I have 8 Zebra Danios in a 10 gallon tank and I was wondering if it would be ok to add at least two mollies in the tank. I want to get the spotted Dalmation looking ones. WOuld that be over crowding? Or just require more water changing?


----------



## egoreise (Mar 16, 2011)

Both will breed like crazy, so if it's not crowded, it soon will be...


----------



## PhsychoFish (Apr 10, 2011)

mollies like brackish water to be truly healthy; i don't know about zebra danios...


----------



## TheOldSalt (Jan 28, 2005)

It can work, but it won't be an ideal situation by any means. You'll have to keep the water clean and contend with fry, and yes, the mollies will prefer harder, saltier water than the danios would stand.


----------



## ZebraDanio12 (Jun 17, 2011)

egoreise said:


> Both will breed like crazy, so if it's not crowded, it soon will be...


Yeah...one of my Zebra's is carrying eggs.

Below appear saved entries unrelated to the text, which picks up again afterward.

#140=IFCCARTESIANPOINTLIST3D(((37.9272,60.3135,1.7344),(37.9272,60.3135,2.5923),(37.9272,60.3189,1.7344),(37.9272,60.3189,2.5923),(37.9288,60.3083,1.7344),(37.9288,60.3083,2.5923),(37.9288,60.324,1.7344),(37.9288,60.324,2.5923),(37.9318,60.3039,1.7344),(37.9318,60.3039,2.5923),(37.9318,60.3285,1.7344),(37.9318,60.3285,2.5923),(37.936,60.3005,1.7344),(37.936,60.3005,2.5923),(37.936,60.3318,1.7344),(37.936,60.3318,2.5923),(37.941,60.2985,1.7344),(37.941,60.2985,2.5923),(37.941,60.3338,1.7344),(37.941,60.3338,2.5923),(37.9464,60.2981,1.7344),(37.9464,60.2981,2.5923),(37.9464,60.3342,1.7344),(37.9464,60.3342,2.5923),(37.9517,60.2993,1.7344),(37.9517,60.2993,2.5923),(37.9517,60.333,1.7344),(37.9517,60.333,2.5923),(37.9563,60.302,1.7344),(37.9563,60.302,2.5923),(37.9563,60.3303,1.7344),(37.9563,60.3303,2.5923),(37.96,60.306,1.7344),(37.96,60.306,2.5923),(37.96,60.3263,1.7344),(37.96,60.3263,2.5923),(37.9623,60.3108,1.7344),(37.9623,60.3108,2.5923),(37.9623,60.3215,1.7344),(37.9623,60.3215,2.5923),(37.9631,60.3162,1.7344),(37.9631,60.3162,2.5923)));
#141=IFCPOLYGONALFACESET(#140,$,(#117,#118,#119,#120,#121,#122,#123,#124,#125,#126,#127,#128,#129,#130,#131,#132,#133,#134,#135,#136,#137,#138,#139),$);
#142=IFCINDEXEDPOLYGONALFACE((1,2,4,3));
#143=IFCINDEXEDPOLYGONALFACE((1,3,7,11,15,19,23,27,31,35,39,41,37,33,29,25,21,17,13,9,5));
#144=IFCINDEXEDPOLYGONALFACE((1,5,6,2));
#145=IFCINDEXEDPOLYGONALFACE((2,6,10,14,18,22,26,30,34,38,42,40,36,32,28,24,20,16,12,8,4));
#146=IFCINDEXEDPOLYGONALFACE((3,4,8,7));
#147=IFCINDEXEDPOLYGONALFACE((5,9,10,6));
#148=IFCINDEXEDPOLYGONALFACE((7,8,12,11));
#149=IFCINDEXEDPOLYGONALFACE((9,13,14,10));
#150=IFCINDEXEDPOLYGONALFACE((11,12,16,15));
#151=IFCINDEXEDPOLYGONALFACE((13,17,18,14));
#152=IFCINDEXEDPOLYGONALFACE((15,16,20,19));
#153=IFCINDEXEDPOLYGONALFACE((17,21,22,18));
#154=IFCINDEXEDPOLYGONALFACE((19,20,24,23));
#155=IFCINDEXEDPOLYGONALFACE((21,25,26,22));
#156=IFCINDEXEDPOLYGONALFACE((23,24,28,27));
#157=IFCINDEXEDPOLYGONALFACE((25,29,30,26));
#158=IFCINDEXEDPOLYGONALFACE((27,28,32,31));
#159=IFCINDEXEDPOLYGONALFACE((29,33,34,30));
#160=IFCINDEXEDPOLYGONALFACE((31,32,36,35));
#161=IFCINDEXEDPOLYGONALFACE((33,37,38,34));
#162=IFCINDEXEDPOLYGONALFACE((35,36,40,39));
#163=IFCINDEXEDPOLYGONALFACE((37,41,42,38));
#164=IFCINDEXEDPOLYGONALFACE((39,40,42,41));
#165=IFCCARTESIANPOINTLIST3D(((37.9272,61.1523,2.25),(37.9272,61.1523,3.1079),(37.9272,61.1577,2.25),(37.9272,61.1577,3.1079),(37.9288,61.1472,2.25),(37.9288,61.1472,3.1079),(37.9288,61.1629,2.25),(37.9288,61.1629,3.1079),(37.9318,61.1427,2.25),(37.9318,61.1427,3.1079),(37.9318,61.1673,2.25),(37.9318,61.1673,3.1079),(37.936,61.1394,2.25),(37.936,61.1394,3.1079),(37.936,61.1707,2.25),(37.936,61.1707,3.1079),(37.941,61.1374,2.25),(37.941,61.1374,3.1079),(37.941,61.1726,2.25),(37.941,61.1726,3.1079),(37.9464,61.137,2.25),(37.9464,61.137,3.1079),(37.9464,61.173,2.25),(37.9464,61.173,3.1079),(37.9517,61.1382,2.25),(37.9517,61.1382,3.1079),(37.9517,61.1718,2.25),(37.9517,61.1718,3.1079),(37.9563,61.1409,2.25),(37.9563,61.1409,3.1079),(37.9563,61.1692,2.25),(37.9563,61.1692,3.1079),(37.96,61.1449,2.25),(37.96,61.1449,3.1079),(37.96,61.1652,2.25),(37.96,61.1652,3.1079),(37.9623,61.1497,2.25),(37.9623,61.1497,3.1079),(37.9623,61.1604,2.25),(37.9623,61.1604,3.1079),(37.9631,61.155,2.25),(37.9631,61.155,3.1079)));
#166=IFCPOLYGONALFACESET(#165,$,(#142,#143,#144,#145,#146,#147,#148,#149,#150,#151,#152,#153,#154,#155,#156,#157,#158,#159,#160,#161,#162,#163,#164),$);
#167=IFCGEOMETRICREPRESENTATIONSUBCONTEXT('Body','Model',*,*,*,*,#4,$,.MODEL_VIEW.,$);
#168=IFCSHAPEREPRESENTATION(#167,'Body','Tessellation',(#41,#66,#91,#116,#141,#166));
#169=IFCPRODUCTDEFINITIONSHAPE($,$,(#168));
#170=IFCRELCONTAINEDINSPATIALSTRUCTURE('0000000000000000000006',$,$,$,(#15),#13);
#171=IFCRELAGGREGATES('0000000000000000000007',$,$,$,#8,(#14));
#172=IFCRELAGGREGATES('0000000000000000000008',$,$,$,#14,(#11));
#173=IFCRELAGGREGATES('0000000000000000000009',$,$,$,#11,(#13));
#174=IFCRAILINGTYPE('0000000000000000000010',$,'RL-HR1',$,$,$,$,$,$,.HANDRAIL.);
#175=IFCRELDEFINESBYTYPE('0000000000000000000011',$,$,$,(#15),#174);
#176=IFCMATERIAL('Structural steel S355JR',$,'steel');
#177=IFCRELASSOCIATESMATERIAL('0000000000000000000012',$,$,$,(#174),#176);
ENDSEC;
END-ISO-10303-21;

But they will mostly likely all get eatin...So..


----------



## ZebraDanio12 (Jun 17, 2011)

TheOldSalt said:


> It can work, but it won't be an ideal situation by any means. You'll have to keep the water clean and contend with fry, and yes, the mollies will prefer harder, saltier water than the danios would stand.


I have well water, so I don't have to really keep up much with ph and stuff like that as much as i would have to will city water...How do I need to keep the water? And with fry...one of my zebras is full of eggs and some others look that they are getting there.


----------



## TheOldSalt (Jan 28, 2005)

If you want to mix danios and mollies, then aim for a pH of 7.6. That's minimally acceptable for both.


----------



## Zane_uverworld (Jun 19, 2011)

*10 gallon= like a large person sleeping on a pillow.*

i suggest you buy at least a 30 gallon long for your danios. I know it's recommended at 20 but i think they just need more space. I've always believed in under stocking or at least letting the fish have room. If you returned the danios you could have a nice near brackish water molly aquarium  . by near brackish i mean you use a little more aquarium salt than usual.


----------